第三,積極聯合相關部門開展禁毒宣傳活動,引導社會公眾自覺抵制毒品,形成良好社會氛圍。針對普通民眾、毒品易接觸人群和已有毒品濫用行為者,應采取各有側重的毒品預防模式,對普通公眾要“防病于先”。有效的預防教育不應僅局限于普及毒品知識和危害,而應從轉變行為傾向和習慣養成入手,倡導學校、家庭、社區多主體參與。[10]檢察機關在開展宣傳教育活動時,可抓住“虎門硝煙紀念日”“國際禁毒日”等重要時間節點,通過發布典型案例、召開新聞發布會、集中宣講、建立禁毒教育活動基地等形式進行宣傳,引導社會公眾樹立規則意識,將刑法規范自覺內化為日常生活中的行為規范。
*最高人民檢察院第二檢察廳辦公室副主任[100726]
**四川省人民檢察院第二檢察部干部[610213]
***中國政法大學刑法學博士研究生[100088]
[1] 參見安陽、劉東杰:《檢察機關化解“潛在之訴”與促進訴源治理》,《人民檢察》2022年第3期。
[2] 參見張智輝:《中國檢察》(第18卷),中國檢察出版社2009年版,第38頁。
[3] 參見苗生明:《新時代檢察權的定位、特征與發展趨向》,《中國法學》2019年第6期。
[4] 參見郭鳳軍:《新時代合成毒品犯罪快速蔓延原因及治理對策探析》,《警學研究》2020年第4期。
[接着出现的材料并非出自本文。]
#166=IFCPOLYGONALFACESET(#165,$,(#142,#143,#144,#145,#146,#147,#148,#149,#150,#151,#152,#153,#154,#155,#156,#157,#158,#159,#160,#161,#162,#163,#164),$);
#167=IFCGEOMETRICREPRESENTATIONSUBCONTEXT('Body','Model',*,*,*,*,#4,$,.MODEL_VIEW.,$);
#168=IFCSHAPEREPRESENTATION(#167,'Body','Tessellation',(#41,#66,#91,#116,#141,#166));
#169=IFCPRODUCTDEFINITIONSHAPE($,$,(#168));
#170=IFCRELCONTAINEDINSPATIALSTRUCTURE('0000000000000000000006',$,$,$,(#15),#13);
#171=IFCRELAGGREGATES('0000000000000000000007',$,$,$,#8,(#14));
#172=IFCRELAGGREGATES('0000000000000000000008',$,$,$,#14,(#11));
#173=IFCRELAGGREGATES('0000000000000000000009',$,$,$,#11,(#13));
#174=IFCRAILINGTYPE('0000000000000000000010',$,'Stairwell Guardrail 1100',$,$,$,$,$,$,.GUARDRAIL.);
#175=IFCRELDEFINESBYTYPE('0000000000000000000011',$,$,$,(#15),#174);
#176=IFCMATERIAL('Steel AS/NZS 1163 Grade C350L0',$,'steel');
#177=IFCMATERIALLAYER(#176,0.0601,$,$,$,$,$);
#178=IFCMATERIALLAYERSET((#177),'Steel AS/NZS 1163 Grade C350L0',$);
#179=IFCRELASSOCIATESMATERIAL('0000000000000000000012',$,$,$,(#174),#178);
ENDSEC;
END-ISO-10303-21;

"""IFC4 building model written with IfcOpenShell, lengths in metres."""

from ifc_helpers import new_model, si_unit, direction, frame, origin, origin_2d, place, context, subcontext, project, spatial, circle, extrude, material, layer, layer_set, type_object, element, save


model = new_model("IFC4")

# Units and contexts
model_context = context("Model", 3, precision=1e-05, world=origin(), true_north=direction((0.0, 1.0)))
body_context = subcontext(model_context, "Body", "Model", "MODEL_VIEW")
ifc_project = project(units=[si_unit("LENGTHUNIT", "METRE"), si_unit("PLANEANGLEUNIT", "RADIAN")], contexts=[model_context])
[5] 參見國家禁毒辦:《2021年中國毒情形勢報告》,載國家毒品問題治理研究中心官網https://dcppc.swupl.edu.cn/jddt/b65f51e6654745f3ad37c3b17e88eec4.htm,最后訪問日期:2022年6月23日。
[6] 參見《梁曉麗代表——堅持和發展新時代“楓橋經驗”》,《人民日報》2022年10月18日。
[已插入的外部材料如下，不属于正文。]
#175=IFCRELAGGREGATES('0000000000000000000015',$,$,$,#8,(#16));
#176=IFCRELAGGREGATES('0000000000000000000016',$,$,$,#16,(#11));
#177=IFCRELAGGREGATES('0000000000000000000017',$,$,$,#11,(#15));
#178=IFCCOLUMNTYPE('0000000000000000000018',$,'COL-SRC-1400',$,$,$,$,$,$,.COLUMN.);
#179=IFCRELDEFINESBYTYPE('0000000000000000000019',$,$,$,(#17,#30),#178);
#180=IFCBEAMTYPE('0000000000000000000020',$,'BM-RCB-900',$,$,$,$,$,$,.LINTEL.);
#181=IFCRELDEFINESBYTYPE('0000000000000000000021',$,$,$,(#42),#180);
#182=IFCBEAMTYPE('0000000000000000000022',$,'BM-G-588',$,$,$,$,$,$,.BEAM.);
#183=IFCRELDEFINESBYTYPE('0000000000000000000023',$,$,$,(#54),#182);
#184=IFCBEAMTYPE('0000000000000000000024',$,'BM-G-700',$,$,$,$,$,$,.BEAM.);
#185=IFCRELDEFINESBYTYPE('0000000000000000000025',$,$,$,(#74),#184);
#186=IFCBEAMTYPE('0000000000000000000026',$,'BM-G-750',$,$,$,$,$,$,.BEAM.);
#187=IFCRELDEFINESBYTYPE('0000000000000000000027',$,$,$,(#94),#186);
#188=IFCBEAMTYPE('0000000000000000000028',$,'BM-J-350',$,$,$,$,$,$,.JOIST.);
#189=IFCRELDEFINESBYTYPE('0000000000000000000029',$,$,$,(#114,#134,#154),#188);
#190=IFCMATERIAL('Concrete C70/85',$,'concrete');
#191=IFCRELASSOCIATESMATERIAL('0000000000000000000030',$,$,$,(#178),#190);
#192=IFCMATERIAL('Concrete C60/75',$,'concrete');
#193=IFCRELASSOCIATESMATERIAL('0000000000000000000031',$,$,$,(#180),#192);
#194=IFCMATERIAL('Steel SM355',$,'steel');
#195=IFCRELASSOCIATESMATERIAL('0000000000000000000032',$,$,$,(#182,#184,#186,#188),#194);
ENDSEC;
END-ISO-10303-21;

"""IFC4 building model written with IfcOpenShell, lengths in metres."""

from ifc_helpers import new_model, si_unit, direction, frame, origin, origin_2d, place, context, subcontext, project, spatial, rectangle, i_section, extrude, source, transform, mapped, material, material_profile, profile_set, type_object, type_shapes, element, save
[7] 《下好先手棋 打好主動仗——習近平總書記關于防范化解重大風險重要論述綜述》,《人民日報》2021年4月15日。
[8] 參見朱孝清:《檢察機關學習踐行“楓橋經驗”的幾個問題》,《國家檢察官學院學報》2019年第3期。
[9] 參見李世清等:《新形勢下檢察機關參與毒品犯罪治理的思考——以云南省禁毒形勢變化為觀察視角》,《中國檢察官》2020年第17期。
[10] 參見杜敏菊、莫關耀:《生活場域、行為傾向與易得接觸:三重疊合的毒品濫用事由》,《警學研究》2021年第4期。